By Tim Holt, Bird
The measurement of transmitter output power has always been an important consideration in the operation of broadcast transmission systems. As broadcast network systems are planned and integrated, coverage predictions, as well as the prediction of the possibility of co-channel interference are based upon several factors, including geographical terrain, antenna gain and directionality, and transmitter output power. The introduction of new digital modulation formats into broadcast settings has necessitated a re-thinking of the methods that are used for the measurement of transmitter power. The accuracy and reliability in which these measurements may be made is related to our understanding of the limitations of conventional power measurement methods, as well as to our understanding of the proven techniques that have been developed for use with digital broadcast systems. In this paper, we will review some of the characteristics of conventional measurement methodologies, as well as to develop a foundation of understanding of newer techniques. We will also discuss “first principle” power measurement methods, and present data as to how various measurement methodologies compare with measurements developed using first principle techniques.

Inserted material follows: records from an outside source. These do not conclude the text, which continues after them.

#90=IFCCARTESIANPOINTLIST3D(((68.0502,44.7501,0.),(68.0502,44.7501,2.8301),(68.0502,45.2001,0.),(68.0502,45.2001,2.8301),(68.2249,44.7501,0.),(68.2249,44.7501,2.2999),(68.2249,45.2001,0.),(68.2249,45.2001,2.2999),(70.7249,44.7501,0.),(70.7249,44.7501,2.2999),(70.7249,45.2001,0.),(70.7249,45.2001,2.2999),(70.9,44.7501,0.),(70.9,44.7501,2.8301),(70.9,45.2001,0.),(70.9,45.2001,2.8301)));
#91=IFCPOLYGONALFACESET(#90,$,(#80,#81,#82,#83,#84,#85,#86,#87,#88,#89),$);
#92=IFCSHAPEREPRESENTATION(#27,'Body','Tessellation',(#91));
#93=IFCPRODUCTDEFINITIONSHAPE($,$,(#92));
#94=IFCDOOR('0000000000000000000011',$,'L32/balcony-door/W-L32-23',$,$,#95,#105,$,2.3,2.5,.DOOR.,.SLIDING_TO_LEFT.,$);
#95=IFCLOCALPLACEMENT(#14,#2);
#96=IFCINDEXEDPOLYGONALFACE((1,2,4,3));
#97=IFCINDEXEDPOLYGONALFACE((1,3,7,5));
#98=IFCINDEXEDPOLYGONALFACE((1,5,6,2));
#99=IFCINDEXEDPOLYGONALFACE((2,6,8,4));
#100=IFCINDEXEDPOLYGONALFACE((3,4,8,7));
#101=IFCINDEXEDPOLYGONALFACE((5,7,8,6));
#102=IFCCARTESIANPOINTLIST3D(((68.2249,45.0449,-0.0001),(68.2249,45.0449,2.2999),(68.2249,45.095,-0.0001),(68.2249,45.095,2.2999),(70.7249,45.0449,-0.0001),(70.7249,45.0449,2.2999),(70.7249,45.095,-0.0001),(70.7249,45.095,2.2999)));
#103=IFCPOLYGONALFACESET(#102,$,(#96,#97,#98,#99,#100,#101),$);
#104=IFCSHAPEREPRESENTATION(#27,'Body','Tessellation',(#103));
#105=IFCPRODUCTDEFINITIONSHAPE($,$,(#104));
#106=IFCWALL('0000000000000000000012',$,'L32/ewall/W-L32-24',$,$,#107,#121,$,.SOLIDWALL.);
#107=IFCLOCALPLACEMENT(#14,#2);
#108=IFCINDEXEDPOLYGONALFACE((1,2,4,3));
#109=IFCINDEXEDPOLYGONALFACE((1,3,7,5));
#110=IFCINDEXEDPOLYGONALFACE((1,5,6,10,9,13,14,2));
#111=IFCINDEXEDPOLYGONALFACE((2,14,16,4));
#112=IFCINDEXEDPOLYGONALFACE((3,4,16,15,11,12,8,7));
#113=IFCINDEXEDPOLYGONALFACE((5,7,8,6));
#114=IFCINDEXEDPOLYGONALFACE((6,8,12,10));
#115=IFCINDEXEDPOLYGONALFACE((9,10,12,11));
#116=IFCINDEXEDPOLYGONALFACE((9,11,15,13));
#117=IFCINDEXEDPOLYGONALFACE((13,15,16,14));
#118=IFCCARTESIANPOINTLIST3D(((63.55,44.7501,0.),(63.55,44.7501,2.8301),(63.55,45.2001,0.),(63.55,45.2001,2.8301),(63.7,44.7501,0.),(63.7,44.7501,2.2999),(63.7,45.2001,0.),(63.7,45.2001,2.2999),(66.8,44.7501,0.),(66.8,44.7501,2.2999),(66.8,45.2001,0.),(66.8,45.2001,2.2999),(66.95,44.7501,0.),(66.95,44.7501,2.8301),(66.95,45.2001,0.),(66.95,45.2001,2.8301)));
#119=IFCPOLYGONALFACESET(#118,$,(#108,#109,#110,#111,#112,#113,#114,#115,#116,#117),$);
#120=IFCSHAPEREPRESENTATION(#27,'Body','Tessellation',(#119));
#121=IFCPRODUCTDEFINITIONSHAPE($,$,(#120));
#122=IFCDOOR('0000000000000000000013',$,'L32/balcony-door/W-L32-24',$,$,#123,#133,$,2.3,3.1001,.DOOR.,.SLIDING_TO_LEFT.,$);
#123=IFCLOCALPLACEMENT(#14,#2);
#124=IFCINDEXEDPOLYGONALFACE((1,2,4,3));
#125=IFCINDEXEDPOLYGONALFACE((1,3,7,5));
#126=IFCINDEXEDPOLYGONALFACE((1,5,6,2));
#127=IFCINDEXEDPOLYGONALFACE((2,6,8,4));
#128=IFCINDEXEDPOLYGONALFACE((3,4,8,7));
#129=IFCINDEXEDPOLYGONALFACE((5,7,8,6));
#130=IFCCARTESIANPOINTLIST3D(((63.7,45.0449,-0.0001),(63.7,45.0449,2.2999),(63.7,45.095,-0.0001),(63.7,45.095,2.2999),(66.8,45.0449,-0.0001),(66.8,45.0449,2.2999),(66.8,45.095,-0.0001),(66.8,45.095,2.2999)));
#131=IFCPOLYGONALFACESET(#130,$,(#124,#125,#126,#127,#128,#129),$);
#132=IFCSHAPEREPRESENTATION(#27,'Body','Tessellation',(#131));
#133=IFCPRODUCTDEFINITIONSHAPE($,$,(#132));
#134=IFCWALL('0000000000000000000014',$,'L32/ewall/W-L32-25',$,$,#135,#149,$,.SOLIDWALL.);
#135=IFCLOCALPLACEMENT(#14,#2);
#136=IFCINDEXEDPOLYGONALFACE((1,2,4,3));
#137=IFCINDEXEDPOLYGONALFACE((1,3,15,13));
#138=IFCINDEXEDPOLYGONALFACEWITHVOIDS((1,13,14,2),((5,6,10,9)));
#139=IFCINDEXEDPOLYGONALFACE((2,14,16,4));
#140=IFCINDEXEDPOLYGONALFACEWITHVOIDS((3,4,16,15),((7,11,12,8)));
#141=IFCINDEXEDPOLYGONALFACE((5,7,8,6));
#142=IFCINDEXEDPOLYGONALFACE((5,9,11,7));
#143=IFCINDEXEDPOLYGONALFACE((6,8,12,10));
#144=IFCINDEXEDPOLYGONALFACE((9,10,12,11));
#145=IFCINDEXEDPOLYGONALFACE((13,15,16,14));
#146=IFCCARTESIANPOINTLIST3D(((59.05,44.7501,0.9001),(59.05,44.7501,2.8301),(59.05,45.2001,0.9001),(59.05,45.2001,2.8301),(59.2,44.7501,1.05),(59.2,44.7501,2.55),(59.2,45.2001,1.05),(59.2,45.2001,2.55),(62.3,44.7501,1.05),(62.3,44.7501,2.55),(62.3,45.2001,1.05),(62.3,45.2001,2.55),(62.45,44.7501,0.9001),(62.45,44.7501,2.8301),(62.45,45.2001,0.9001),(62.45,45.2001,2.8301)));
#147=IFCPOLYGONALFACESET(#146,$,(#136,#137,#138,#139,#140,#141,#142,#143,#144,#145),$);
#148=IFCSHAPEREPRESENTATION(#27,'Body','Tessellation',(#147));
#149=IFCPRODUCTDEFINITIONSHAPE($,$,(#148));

Review of Conventional Transmitter Power Measurement Techniques - Instruments used through the years for the measurement of transmitter output power may be categorized as follows:
Of the above categories, in-line power meters have been the most popular instruments, owing to their simplicity, ease of use, and their ability to measure both forward and reflected power. First generation instruments of this class were developed in the 1950’s, uses simple point contact diode detectors. Within the past five years, versions of these instruments have been developed using up to date diode devices and low noise amplifiers, more appropriate for the measurement of signals incorporating complex modulation.